Esta publicación fue revisada por el comité editorial de la Academia de Ciencias de Morelos.

Algunos de los grandes avances en medicina comenzaron con personas que simplemente siguieron su curiosidad, sin saber de antemano que un día eso podría ser útil.

David Julius.

El Premio Nobel 2021 en Fisiología y Medicina se concedió conjuntamente a David Julius y Ardem Patapoutian por el descubrimiento de las proteínas que nos permiten percibir la temperatura, la presión y el movimiento (Figura 1).

Figura 1. Imagen de David Julius (izquierda) y Ardem Patapoutian (derecha) galardonados con el Premio Nobel 2021 en Fisiología y Medicina. (Imagen de: @Premio Nobel).

¿Cómo? De Descartes a Julius y Patapoutian.  

Desde que tiene consciencia, el ser humano se ha hecho todo tipo de preguntas surgidas de su capacidad de observación. Sin duda existen las preguntas esenciales surgidas de la búsqueda del sentido de nuestra existencia o de la razón de ser, pero hay preguntas más cercanas a lo cotidiano que nos han acompañado siempre tales como ¿cómo vemos? ¿cómo oímos? ¿cómo olemos? ¿cómo percibimos el sabor de los alimentos? ¿cómo sentimos el calor, el viento, la lluvia, el frío o la presión de un pellizco? preguntas que están relacionadas con nuestra interacción con el mundo alrededor de nosotros; sentir el abrazo del otro, y más aún, percibir su calor. Y si bien existe la tendencia a vivir dando todo esto por sentado, la sensibilidad del ser humano, por un lado, y su espíritu científico, es decir, su curiosidad, no han quitado nunca el dedo del renglón: ¿cómo?   

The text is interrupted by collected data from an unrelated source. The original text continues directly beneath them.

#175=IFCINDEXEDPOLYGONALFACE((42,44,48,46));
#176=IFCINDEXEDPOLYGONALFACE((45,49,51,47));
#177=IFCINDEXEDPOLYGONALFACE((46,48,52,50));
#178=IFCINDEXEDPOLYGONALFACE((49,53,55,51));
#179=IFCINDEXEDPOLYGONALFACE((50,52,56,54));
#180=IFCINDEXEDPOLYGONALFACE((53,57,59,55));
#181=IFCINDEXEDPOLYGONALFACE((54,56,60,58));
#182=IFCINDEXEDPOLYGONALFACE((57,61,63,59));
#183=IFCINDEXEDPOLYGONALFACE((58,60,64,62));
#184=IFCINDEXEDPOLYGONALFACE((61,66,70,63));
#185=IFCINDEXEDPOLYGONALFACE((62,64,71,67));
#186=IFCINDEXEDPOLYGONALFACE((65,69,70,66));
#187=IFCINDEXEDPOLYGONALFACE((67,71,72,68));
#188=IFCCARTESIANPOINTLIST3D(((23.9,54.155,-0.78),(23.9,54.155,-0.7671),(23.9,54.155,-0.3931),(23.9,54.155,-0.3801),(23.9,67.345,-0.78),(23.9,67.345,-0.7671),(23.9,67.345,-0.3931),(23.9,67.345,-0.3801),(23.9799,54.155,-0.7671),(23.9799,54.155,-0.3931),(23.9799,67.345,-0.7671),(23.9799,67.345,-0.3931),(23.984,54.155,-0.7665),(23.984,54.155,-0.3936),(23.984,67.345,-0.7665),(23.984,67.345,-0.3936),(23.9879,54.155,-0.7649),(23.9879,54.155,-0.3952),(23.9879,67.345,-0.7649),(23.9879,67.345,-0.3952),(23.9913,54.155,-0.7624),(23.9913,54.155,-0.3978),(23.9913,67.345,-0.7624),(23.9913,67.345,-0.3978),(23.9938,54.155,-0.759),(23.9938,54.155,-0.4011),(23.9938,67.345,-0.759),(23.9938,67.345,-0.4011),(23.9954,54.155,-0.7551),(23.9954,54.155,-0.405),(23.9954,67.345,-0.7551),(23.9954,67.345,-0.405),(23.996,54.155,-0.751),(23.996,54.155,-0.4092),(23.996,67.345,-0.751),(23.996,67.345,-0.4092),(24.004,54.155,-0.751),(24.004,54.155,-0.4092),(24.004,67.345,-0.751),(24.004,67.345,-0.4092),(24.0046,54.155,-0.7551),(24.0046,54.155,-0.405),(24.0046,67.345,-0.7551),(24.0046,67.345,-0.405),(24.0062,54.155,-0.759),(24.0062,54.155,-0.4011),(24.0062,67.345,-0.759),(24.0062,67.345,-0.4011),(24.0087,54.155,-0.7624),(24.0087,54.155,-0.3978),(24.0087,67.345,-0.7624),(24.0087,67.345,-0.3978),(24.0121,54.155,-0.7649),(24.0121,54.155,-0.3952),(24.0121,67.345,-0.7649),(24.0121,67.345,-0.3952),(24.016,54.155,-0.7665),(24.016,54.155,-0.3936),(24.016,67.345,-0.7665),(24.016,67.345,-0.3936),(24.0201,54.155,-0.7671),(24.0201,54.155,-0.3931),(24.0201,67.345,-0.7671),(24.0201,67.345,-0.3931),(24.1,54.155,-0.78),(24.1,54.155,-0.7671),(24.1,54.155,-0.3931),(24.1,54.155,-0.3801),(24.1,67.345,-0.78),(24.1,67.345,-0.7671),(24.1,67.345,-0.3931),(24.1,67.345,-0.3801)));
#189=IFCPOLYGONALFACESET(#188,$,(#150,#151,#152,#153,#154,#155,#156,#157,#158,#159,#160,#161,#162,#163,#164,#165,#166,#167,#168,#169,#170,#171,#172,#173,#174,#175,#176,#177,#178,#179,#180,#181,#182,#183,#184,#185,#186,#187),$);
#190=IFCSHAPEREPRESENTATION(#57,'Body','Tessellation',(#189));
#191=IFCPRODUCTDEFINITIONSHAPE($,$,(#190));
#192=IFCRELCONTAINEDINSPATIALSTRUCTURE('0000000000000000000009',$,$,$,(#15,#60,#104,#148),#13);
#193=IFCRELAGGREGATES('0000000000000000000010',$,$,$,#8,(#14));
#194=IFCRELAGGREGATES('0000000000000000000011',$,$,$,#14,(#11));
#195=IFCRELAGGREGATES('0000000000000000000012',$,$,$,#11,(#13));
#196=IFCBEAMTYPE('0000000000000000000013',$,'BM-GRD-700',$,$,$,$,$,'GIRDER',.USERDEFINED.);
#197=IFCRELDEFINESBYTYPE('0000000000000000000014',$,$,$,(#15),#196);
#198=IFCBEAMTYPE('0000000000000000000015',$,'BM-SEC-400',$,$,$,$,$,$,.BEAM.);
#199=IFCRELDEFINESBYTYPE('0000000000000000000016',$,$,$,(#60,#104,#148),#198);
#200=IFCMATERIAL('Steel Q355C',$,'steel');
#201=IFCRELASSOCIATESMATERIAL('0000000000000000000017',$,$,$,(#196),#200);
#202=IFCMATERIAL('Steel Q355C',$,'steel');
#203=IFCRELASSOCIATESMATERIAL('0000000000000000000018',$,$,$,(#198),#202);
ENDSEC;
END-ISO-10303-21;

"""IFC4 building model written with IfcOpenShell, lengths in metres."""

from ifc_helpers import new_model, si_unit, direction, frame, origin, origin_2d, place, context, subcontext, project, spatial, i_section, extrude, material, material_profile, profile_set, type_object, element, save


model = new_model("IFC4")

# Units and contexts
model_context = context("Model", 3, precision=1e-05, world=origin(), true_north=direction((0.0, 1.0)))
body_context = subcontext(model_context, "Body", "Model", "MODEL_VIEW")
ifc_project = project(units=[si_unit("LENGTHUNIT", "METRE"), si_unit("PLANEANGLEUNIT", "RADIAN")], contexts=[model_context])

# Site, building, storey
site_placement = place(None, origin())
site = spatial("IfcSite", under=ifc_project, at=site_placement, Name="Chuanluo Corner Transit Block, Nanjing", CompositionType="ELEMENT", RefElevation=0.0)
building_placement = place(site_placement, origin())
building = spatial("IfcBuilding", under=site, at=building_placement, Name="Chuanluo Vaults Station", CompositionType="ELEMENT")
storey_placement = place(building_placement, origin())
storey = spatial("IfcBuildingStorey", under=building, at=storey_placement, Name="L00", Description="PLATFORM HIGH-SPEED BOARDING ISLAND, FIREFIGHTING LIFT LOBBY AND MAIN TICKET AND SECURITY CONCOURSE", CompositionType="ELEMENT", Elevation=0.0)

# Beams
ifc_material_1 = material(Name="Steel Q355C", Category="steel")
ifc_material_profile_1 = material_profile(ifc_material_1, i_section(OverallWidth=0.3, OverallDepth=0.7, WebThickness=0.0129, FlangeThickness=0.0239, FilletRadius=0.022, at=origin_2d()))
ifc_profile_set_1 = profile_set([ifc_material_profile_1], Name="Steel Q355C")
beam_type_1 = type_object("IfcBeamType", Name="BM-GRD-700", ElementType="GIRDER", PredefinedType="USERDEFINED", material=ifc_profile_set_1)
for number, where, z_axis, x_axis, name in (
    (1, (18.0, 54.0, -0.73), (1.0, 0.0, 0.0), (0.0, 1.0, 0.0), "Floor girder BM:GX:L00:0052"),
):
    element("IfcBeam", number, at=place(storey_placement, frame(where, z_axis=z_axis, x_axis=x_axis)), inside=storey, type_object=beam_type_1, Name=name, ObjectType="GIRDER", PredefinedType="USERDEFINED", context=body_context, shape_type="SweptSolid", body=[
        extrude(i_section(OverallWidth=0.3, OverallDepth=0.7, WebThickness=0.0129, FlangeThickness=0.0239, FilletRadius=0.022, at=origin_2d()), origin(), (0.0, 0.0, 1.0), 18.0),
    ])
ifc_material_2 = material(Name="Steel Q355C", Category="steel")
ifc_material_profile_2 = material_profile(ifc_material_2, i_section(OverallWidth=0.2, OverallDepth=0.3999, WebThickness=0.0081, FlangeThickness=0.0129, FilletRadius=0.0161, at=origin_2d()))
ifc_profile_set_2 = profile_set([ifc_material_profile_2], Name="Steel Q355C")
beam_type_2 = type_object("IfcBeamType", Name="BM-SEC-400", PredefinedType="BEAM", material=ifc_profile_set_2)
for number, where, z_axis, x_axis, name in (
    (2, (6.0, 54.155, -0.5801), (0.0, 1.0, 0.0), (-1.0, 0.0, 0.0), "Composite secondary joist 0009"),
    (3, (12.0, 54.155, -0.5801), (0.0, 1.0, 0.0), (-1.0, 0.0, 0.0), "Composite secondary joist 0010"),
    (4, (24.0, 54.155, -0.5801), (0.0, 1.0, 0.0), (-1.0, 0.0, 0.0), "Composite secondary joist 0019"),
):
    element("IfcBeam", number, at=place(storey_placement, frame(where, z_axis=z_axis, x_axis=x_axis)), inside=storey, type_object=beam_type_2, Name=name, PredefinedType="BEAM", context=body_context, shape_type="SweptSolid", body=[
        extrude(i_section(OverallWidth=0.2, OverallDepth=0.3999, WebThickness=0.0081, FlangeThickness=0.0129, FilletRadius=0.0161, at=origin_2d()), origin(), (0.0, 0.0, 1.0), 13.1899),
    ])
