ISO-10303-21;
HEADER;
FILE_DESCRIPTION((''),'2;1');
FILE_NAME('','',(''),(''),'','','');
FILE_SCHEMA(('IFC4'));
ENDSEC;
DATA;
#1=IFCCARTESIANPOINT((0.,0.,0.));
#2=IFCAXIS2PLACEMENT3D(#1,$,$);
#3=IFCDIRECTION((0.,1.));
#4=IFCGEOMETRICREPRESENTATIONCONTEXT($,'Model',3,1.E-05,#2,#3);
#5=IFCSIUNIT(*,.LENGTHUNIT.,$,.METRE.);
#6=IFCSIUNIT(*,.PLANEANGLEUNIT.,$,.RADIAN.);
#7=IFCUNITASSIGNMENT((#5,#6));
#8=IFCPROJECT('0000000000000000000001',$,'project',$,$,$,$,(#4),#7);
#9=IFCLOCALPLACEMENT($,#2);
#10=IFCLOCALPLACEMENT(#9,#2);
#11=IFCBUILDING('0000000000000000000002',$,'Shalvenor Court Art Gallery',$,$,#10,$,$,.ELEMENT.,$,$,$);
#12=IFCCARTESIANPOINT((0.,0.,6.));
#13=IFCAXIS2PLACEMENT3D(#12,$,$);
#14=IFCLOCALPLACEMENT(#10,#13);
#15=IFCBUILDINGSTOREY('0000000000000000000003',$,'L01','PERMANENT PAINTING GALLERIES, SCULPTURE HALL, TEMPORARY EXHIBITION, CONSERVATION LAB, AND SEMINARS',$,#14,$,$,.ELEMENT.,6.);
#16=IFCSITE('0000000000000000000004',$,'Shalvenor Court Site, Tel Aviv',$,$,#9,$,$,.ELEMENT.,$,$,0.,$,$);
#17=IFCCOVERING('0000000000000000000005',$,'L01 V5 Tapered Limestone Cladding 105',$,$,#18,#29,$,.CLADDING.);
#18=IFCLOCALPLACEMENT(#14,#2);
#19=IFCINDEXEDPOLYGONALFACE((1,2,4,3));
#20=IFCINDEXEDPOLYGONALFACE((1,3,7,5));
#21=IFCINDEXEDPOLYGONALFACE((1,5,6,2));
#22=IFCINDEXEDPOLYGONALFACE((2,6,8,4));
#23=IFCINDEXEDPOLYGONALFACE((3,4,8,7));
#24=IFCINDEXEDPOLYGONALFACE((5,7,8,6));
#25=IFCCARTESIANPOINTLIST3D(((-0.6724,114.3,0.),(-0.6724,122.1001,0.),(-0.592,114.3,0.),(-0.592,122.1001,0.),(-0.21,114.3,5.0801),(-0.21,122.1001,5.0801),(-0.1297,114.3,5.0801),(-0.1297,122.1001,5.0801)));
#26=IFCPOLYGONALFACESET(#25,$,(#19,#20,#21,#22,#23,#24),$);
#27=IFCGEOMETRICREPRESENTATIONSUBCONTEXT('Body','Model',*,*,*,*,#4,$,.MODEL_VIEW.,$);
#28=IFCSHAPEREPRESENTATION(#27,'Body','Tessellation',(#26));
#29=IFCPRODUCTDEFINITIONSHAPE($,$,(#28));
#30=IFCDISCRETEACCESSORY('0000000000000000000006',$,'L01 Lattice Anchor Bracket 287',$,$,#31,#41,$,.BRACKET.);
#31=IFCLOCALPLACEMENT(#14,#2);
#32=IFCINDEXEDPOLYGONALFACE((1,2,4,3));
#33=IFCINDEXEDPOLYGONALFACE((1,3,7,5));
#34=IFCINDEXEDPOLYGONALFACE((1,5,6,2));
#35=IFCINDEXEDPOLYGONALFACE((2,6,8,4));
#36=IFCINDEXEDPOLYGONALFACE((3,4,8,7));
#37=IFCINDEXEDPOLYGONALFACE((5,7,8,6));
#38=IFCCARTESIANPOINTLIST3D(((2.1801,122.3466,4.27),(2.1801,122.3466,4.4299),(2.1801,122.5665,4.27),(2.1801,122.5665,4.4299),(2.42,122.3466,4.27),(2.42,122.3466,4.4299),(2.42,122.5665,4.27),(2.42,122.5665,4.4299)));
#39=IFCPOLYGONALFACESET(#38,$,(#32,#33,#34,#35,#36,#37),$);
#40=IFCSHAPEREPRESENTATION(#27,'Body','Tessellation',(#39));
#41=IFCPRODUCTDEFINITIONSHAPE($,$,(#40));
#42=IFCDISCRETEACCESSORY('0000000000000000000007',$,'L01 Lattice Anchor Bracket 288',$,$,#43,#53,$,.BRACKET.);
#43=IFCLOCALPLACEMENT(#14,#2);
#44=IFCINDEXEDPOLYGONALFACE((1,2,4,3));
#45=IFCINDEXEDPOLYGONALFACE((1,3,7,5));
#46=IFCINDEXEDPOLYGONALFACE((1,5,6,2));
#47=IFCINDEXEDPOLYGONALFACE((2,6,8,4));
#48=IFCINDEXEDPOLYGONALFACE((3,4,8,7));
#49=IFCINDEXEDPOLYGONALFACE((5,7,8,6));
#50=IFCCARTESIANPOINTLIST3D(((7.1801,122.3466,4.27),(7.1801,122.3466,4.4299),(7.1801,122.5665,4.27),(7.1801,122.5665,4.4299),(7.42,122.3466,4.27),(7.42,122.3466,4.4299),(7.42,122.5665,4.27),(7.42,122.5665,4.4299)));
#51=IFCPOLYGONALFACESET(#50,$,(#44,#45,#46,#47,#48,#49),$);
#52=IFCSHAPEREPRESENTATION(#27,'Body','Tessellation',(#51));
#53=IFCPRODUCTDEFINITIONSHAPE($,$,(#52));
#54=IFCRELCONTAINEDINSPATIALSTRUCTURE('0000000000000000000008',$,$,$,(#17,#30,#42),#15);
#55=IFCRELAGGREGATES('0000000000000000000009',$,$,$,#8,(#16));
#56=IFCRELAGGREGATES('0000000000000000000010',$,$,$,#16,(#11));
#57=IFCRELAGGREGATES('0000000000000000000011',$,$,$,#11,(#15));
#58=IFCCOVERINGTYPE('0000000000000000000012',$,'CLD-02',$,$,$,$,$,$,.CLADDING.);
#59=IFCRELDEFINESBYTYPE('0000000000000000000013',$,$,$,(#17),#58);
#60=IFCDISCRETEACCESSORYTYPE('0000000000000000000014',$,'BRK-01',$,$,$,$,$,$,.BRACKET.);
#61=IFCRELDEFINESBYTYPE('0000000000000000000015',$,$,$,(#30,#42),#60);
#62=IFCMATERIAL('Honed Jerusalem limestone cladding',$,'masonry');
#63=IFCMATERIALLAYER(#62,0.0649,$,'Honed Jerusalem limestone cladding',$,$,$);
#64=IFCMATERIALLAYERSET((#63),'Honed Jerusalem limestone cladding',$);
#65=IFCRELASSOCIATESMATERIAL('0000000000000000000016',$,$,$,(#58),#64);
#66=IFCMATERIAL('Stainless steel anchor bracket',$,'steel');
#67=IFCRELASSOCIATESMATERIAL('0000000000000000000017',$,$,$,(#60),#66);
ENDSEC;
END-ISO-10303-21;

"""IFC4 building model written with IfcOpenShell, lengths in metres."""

from ifc_helpers import new_model, si_unit, direction, frame, origin, origin_2d, place, context, subcontext, project, spatial, polyline, rectangle, outline, extrude, material, layer, layer_set, type_object, element, save


model = new_model("IFC4")

# Units and contexts
model_context = context("Model", 3, precision=1e-05, world=origin(), true_north=direction((0.0, 1.0)))
body_context = subcontext(model_context, "Body", "Model", "MODEL_VIEW")
ifc_project = project(units=[si_unit("LENGTHUNIT", "METRE"), si_unit("PLANEANGLEUNIT", "RADIAN")], contexts=[model_context])

# Site, building, storey
site_placement = place(None, origin())
site = spatial("IfcSite", under=ifc_project, at=site_placement, Name="Shalvenor Court Site, Tel Aviv", CompositionType="ELEMENT", RefElevation=0.0)
building_placement = place(site_placement, origin())
building = spatial("IfcBuilding", under=site, at=building_placement, Name="Shalvenor Court Art Gallery", CompositionType="ELEMENT")
storey_placement = place(building_placement, frame((0.0, 0.0, 6.0)))
storey = spatial("IfcBuildingStorey", under=building, at=storey_placement, Name="L01", Description="PERMANENT PAINTING GALLERIES, SCULPTURE HALL, TEMPORARY EXHIBITION, CONSERVATION LAB, AND SEMINARS", CompositionType="ELEMENT", Elevation=6.0)

# Covering
ifc_material_1 = material(Name="Honed Jerusalem limestone cladding", Category="masonry")
ifc_layer_1 = layer(ifc_material_1, 0.0649, Name="Honed Jerusalem limestone cladding")
ifc_layer_set_1 = layer_set([ifc_layer_1], Name="Honed Jerusalem limestone cladding")
covering_type = type_object("IfcCoveringType", Name="CLD-02", PredefinedType="CLADDING", material=ifc_layer_set_1)
covering_placement = place(storey_placement, frame((-0.6724, 122.1001, 0.0), z_axis=(0.0, 0.0, 1.0), x_axis=(0.0, -1.0, 0.0)))
element("IfcCovering", 1, at=covering_placement, inside=storey, type_object=covering_type, Name="L01 V5 Tapered Limestone Cladding 105", PredefinedType="CLADDING", context=body_context, shape_type="SweptSolid", body=[
    extrude(outline(polyline([(0.0, 0.0), (7.8, 0.0), (7.8, 5.1011), (0.0, 5.1011), (0.0, 0.0)])), frame((0.0, 0.0, 0.0), z_axis=(0.0, -0.995884, 0.090633), x_axis=(1.0, 0.0, 0.0)), (0.0, 0.090633, -0.995884), 0.0803),
])

# Discrete accessories
ifc_material_2 = material(Name="Stainless steel anchor bracket", Category="steel")
discrete_accessory_type = type_object("IfcDiscreteAccessoryType", Name="BRK-01", PredefinedType="BRACKET", material=ifc_material_2)
for number, where, z_axis, x_axis, name in (
    (2, (2.3, 122.4565, 4.27), (0.0, 0.0, 1.0), (1.0, 0.0, 0.0), "L01 Lattice Anchor Bracket 287"),
    (3, (7.3, 122.4565, 4.27), (0.0, 0.0, 1.0), (1.0, 0.0, 0.0), "L01 Lattice Anchor Bracket 288"),
):
    element("IfcDiscreteAccessory", number, at=place(storey_placement, frame(where, z_axis=z_axis, x_axis=x_axis)), inside=storey, type_object=discrete_accessory_type, Name=name, PredefinedType="BRACKET", context=body_context, shape_type="SweptSolid", body=[
        extrude(rectangle(XDim=0.24, YDim=0.22, at=origin_2d()), origin(), (0.0, 0.0, 1.0), 0.1599),
    ])

save(model, "model.ifc")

Ya en el siglo XVII Descartes, con su pienso, luego existo separaba claramente el concepto de razón del concepto de cultura derivado de nuestro mundo social, a partir del cual accedemos al conocimiento de lo real. Así, en su intento por explicar mecánicamente la estructura del ser humano, Descartes proponía que la piel está conectada de tal forma con el cerebro que un pie expuesto al fuego advertiría al cerebro que se estaba quemando, como se recuerda en la presentación de los laureados con una ilustración reproducida en la Figura 2 (https://bit.ly/3nB8UXe). Erlanger y Gasser, Premios Nobel también en 1944, demostraron que esas conexiones constituían nuestro sistema nervioso, y que las señales al cerebro, no eran señales mecánicas, sino eléctricas, transmitidas por células altamente especializadas, tan especializadas como las preguntas que arriba formulamos. Milan Kundera, escritor checo y eterno candidato al Nobel de Literatura, plantea otra cara del concepto de Descartes: “Siento, luego soy”, y aunque Kundera se refiere más a la consciencia y los sentimientos, estos se inician en nuestro “contacto” con el entorno y la forma en la que lo percibimos: sentir, en todo el amplio sentido del verbo, para adaptarnos al mundo. Pero faltaba una pieza en ese rompecabezas ¿Cómo se traduce cada uno de esos estímulos en la señal eléctrica que llega a nuestro cerebro para que la percibamos? ¿Cómo nos percatamos de que alguien nos llama tocándonos por la espalda?  ¿cómo distinguimos que el viento sopla y que empieza a llover? ¿o que la sopa está caliente? ¿que la piel de un durazno es tersa o un aguacate está maduro? ¿que tenemos la vejiga llena y debemos vaciarla a la brevedad? ¿que la mamila del bebé ya se calentó lo suficiente? ¿cómo percibimos el roce de unos labios, el calor de un beso, y hasta cuándo la mordida ha dejado de ser placentera?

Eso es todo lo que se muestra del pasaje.